Ancak, bu soru sadece bir uyuşmazlıkta bu hususların özellikle dikkate alınması gerektiğinde gerçekten önemlidir. İki kişi arasındaki basit bir itiş kakışta, vücut parçaları konusunun nadiren tartışılması gerekecektir. Hangi görüşe sahip olunursa olunsun, yukarıda vaka gruplarında bahsedilen vücut parçalarının onun bir parçası olup olmadığı yoğun bir şekilde tartışılmaya devam edecektir. Şüphe durumunda, bu vakalar bir avukat tarafından yoğun bir hukuki değerlendirme gerektirecektir. Ceza hukuku avukatı.
Yukarıda da belirtildiği gibi, bedensel zarar, başka bir kişinin fiziksel olarak istismar edilmesi veya sağlığına zarar verilmesi ile sonuçlanır. Her iki durumda da bedensel yaralanma terimi kullanılmaya devam etmektedir. Bedensel zararın tam olarak nasıl işlendiği de önemlidir. Bedensel yaralanmaya özellikle aktif eylem veya ihmal neden olabilir. Suçun ihmal yoluyla işlenmesi, failin belirli bir kefil konumunda olması halinde dikkate alınacaktır.
Bu garantörlük pozisyonu, örneğin, çocuklarının sağlığına zarar veren veya çocuklarını fiziksel olarak istismar eden ebeveynler söz konusu olduğunda üstlenilebilir. Ancak birincisinin ihmal edilmiş olması daha muhtemeldir. Çoğu cezai suçta olduğu gibi, cezalandırılabilirlik suçun sonucunu, bir fiili, fiil ile sonuç arasında nedensellik bağını ve objektif isnadı gerektirir. Ayrıca, failin eylemi için herhangi bir haklı veya mazur gösterici nedeni olmamalıdır.
Başlangıçta, ilk olarak fiziksel istismarın mevcut olup olmadığı kontrol edilmelidir. Bu, tanımlar yardımıyla yapılır. Bir durum kötü muamele tanımı kapsamına girer girmez, olgular da bu tanım kapsamına alınabilir. Tanımlardan biri şöyledir: "Fiziksel istismar, vücudun sağlık durumu veya koşullarında önemsiz olmayan bir bozulmadır.

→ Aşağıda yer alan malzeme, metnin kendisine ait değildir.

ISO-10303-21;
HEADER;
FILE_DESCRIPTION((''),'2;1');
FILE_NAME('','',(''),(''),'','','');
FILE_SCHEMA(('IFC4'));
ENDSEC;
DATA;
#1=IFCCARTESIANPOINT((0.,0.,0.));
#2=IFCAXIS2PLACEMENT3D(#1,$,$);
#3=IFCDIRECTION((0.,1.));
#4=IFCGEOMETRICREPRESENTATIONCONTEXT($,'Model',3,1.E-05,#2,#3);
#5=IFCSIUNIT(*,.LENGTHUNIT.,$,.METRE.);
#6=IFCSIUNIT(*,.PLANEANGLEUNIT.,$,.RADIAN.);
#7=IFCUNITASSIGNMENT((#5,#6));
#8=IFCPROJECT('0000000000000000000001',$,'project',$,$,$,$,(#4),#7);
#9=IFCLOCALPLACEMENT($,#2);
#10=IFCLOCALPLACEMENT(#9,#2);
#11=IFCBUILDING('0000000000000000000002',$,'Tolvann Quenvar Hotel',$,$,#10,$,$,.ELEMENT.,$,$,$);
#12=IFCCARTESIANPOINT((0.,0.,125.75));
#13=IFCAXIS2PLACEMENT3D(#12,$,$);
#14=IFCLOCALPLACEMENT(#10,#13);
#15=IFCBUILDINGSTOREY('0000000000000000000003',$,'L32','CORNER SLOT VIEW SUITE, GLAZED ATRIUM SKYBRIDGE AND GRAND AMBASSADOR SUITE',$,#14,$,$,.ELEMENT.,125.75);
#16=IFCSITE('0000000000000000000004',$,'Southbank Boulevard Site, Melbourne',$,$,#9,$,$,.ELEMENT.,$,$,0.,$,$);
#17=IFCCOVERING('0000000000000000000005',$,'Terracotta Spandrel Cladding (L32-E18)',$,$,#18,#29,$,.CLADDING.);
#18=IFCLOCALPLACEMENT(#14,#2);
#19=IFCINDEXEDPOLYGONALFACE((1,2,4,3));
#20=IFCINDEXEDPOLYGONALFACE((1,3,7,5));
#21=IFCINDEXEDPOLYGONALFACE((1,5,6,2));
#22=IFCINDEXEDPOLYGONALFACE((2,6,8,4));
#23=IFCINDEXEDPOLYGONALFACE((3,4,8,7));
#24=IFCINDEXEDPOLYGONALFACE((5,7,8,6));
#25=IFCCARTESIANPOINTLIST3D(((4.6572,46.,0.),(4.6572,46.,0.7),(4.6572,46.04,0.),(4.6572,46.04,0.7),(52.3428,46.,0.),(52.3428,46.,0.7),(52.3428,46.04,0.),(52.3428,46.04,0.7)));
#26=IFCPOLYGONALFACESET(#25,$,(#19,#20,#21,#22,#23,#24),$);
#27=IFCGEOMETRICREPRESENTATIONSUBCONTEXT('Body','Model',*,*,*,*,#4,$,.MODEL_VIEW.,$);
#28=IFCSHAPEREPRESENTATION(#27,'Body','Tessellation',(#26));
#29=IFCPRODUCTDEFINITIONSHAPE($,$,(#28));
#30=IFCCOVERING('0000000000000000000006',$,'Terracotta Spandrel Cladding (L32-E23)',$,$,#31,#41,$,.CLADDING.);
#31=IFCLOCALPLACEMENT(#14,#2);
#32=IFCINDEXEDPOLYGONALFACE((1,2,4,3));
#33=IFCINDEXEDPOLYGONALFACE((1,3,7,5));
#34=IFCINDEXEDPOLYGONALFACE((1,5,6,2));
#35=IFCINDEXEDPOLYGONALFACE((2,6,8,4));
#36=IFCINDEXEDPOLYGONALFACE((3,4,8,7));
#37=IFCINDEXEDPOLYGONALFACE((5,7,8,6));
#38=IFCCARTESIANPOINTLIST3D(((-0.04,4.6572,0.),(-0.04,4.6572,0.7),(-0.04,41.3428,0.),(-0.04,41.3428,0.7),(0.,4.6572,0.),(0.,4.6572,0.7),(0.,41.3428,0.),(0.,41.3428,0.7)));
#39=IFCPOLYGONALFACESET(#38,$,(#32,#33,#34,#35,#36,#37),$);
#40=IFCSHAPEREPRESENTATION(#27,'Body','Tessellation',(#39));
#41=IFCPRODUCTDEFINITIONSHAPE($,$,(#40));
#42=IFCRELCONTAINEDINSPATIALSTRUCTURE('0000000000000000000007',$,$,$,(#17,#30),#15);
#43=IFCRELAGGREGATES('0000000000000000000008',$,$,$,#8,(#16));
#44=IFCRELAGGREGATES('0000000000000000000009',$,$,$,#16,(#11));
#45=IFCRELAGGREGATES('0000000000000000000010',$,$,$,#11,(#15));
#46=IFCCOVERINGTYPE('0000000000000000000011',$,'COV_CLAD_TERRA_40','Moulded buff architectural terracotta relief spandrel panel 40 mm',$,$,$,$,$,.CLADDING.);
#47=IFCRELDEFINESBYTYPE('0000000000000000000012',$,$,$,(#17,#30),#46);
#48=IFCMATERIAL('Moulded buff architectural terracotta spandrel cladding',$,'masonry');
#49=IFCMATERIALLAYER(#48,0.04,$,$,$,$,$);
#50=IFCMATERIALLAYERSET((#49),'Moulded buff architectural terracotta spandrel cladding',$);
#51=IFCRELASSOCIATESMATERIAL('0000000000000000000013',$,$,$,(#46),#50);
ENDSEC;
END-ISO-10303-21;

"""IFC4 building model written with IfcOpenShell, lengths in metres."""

from ifc_helpers import new_model, si_unit, direction, frame, origin, place, context, subcontext, project, spatial, polyline, outline, extrude, material, layer, layer_set, type_object, element, save


model = new_model("IFC4")

# Units and contexts
model_context = context("Model", 3, precision=1e-05, world=origin(), true_north=direction((0.0, 1.0)))
body_context = subcontext(model_context, "Body", "Model", "MODEL_VIEW")
ifc_project = project(units=[si_unit("LENGTHUNIT", "METRE"), si_unit("PLANEANGLEUNIT", "RADIAN")], contexts=[model_context])

# Site, building, storey
site_placement = place(None, origin())
site = spatial("IfcSite", under=ifc_project, at=site_placement, Name="Southbank Boulevard Site, Melbourne", CompositionType="ELEMENT", RefElevation=0.0)
building_placement = place(site_placement, origin())
building = spatial("IfcBuilding", under=site, at=building_placement, Name="Tolvann Quenvar Hotel", CompositionType="ELEMENT")
storey_placement = place(building_placement, frame((0.0, 0.0, 125.75)))
storey = spatial("IfcBuildingStorey", under=building, at=storey_placement, Name="L32", Description="CORNER SLOT VIEW SUITE, GLAZED ATRIUM SKYBRIDGE AND GRAND AMBASSADOR SUITE", CompositionType="ELEMENT", Elevation=125.75)

# Coverings
ifc_material_1 = material(Name="Moulded buff architectural terracotta spandrel cladding", Category="masonry")
ifc_layer_1 = layer(ifc_material_1, 0.04)
ifc_layer_set_1 = layer_set([ifc_layer_1], Name="Moulded buff architectural terracotta spandrel cladding")
covering_type_1 = type_object("IfcCoveringType", Name="COV_CLAD_TERRA_40", Description="Moulded buff architectural terracotta relief spandrel panel 40 mm", PredefinedType="CLADDING", material=ifc_layer_set_1)
covering_1_placement = place(storey_placement, origin())
element("IfcCovering", 1, at=covering_1_placement, inside=storey, type_object=covering_type_1, Name="Terracotta Spandrel Cladding (L32-E18)", PredefinedType="CLADDING", context=body_context, shape_type="SweptSolid", body=[
    extrude(outline(polyline([(52.3428, 46.0), (4.6572, 46.0), (4.6572, 46.04), (52.3428, 46.04), (52.3428, 46.0)])), origin(), (0.0, 0.0, 1.0), 0.7),
])
covering_2_placement = place(storey_placement, origin())
element("IfcCovering", 2, at=covering_2_placement, inside=storey, type_object=covering_type_1, Name="Terracotta Spandrel Cladding (L32-E23)", PredefinedType="CLADDING", context=body_context, shape_type="SweptSolid", body=[
    extrude(outline(polyline([(0.0, 41.3428), (0.0, 4.6572), (-0.04, 4.6572), (-0.04, 41.3428), (0.0, 41.3428)])), origin(), (0.0, 0.0, 1.0), 0.7),
])

save(model, "model.ifc")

İlk bakışta hemen anlaşılmayabileceği gibi, fiziksel istismar yalnızca tamamen fiziksel istismarı kapsar. Zihinsel zarar bu nedenle sağlık bozukluğu kapsamına girebilir. Tamamen zihinsel bozuklukların sonuçta fiziksel etkileri olması bir istisnadır. Şüphe durumunda fiziksel istismar olduğu varsayılabilir. Zararlı olayın olduğu ve olmadığı değerlendirmenin her zaman uygulandığı unutulmamalıdır.
Bu göreceli bütünlük, olaydan önce var olan ve olaydan sonra bozulmaya devam eden değer düşüklüklerini zaten içermektedir. Bu noktada, tanım artık bedenin bütünlüğünden değil, bedenin genel bir durumundan bahsetmelidir.
Tanıma "önemsiz olmayan" ifadesinin eklenmesiyle, kanun koyucu kasten yaralama suçuna de minimis bir sınır getirmiştir. Bu sınırla, bir saldırı eyleminin bedensel zarar olarak nitelendirilebilmesi için belirli bir karaktere sahip olması gerektiğine dikkat çekilmektedir. Burada, önemliliğe ilişkin tamamen objektif bir inceleme gerçekleştirilmektedir. Mağdurun öznel duyguları konuyla ilgili değildir.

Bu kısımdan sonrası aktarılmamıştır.